ProtocolV2::write_message() builds an encoded message using MessageFrame::Encode() static function, appends it into an outgoing_bl (buffer variable) of AsyncConnection class variable by calling ProtocolV2::append_frame(), and sends it by calling AsyncConection::_try_send().

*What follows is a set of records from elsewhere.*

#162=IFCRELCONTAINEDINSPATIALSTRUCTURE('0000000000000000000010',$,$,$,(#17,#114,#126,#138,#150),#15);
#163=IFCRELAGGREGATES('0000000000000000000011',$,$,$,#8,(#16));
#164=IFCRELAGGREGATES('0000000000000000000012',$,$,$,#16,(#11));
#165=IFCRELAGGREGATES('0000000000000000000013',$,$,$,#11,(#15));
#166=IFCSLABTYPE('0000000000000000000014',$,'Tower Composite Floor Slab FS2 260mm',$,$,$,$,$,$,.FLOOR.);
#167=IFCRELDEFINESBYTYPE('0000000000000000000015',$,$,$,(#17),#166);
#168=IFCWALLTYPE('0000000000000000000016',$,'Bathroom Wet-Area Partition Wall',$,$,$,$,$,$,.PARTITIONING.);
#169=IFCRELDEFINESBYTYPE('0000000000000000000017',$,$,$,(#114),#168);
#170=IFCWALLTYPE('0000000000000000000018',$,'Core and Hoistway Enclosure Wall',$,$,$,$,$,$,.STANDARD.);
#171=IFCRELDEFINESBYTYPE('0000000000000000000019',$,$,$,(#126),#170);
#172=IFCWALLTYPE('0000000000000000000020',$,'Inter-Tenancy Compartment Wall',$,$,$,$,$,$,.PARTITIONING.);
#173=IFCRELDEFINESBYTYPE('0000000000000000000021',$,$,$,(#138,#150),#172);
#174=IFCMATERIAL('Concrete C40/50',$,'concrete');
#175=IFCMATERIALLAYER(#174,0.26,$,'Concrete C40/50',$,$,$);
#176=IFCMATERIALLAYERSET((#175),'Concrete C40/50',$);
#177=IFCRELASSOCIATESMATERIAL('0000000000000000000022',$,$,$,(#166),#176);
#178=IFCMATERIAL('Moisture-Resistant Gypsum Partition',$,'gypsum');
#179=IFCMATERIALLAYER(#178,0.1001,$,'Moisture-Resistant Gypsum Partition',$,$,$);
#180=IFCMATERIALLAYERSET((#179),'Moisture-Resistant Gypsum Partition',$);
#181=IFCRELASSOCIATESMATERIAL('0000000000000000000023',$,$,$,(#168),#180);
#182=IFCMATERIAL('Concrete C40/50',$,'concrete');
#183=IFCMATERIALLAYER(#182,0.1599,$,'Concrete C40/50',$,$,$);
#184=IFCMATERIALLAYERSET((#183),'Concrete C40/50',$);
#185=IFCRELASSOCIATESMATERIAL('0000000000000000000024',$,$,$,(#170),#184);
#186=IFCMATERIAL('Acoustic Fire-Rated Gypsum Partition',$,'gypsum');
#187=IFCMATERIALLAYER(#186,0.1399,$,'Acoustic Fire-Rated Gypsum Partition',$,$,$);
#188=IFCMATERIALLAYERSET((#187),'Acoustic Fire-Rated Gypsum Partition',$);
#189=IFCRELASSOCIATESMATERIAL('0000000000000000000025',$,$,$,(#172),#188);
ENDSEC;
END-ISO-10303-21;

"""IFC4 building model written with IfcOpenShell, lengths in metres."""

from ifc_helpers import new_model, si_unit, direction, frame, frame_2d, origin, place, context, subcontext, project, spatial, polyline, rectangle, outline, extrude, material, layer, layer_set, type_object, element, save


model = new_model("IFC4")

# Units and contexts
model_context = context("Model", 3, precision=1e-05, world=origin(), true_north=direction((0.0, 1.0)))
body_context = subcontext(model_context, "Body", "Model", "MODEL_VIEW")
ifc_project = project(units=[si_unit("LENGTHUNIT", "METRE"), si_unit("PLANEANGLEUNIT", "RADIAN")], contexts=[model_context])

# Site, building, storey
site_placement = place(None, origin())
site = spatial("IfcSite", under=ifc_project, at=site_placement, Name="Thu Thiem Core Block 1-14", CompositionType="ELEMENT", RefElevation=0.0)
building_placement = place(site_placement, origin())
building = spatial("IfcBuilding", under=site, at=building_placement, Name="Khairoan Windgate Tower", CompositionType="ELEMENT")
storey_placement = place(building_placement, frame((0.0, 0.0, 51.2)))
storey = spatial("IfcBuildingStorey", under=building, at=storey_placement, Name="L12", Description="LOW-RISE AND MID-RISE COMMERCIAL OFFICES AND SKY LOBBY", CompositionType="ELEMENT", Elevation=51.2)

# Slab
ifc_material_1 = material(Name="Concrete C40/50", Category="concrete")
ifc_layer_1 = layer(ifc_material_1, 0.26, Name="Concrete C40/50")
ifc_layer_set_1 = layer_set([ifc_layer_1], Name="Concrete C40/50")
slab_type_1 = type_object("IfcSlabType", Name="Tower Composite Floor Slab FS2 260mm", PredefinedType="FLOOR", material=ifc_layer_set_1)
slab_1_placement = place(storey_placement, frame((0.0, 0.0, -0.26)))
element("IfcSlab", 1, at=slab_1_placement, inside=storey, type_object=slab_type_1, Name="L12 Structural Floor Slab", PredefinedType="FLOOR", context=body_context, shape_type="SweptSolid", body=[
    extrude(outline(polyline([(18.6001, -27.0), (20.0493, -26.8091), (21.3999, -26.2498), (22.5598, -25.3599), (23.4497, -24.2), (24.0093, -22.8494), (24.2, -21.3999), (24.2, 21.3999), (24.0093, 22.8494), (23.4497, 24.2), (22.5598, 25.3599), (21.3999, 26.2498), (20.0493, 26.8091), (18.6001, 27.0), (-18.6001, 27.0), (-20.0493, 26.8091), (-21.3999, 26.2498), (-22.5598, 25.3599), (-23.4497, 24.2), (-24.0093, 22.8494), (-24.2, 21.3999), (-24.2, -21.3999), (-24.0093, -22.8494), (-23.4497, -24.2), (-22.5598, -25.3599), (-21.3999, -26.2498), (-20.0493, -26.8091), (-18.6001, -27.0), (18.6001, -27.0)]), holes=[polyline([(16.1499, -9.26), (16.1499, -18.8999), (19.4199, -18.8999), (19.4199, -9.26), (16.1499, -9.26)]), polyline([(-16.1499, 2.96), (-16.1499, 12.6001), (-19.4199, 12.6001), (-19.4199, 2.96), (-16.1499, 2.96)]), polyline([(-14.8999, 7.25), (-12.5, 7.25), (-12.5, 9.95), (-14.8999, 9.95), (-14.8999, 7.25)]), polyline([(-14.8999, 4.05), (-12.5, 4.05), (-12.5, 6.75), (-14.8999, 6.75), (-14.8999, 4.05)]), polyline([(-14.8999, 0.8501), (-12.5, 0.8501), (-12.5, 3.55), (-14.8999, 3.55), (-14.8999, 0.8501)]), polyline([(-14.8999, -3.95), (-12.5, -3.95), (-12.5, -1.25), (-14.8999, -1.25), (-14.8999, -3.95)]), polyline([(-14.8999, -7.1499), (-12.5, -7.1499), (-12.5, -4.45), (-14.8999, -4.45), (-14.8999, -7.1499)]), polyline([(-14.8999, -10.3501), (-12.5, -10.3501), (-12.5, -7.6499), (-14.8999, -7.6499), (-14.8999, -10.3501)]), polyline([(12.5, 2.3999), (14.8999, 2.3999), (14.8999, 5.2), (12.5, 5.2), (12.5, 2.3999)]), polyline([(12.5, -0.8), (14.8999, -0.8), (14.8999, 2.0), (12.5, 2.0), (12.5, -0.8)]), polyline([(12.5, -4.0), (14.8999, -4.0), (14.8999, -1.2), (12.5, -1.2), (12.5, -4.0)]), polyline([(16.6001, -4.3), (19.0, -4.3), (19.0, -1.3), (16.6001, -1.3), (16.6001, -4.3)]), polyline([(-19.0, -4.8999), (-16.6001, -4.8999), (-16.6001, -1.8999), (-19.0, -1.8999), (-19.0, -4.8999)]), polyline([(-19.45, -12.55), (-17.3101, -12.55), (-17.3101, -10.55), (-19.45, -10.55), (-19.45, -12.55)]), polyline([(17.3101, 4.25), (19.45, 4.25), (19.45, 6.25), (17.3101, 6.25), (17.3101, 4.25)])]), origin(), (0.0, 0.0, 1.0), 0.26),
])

In the function AsyncConnection::_try_send(), the class instance uses ConnectedSocket (variable name: cs) to send a message to the remote peer. Here, if we specified a network stack as POSIX, PosixConnectedSocketImpl (defined in src/msg/async/PosixStack.cc) is used for its internal implementation:
src/msg/async/Stack.h
class ConnectedSocket {
std::unique_ptr<ConnectedSocketImpl> _csi;
public:
ssize_t send(ceph::buffer::list &bl, bool more) {
return _csi->send(bl, more);
}
...
};
src/msg/async/PosixStack.cc
int PosixWorker::connect(const entity_addr_t &addr, const SocketOptions &opts, ConnectedSocket *socket) {
...
*socket = ConnectedSocket(
std::unique_ptr<PosixConnectedSocketImpl>(new PosixConnectedSocketImpl(net, addr, sd, !opts.nonblock)));
return 0;
}
So, calling cs.send() eventually calls PosixConnectedSocketImpl::send(), which calls ::sendmsg() system call until all bytes are transferred.
src/msg/async/PosixStack.cc
class PosixConnectedSocketImpl final : public ConnectedSocketImpl {
...
public:
...
ssize_t send(ceph::buffer::list &bl, bool more) override {
...
ssize_t r = do_sendmsg(_fd, msg, msglen, left_pbrs || more);
...
}
#ifndef _WIN32
static ssize_t do_sendmsg(int fd, struct msghdr &msg, unsigned len, bool more) {
size_t sent = 0;
while (1) {
MSGR_SIGPIPE_STOPPER;
ssize_t r = ::sendmsg(fd, &msg, MSG_NOSIGNAL | (more ? MSG_MORE : 0));
if (r < 0) {
int err = ceph_sock_errno();
if (err == EINTR) {
continue;
} else if (err == EAGAIN) {
break;
}
return -err;
}
sent += r;
if (len == sent) break;
...
}
return (ssize_t)sent;
}
#endif
Note that all transmission is done by a seperate worker thread, hence an asynchronous manner from the viewpoint of the main thread.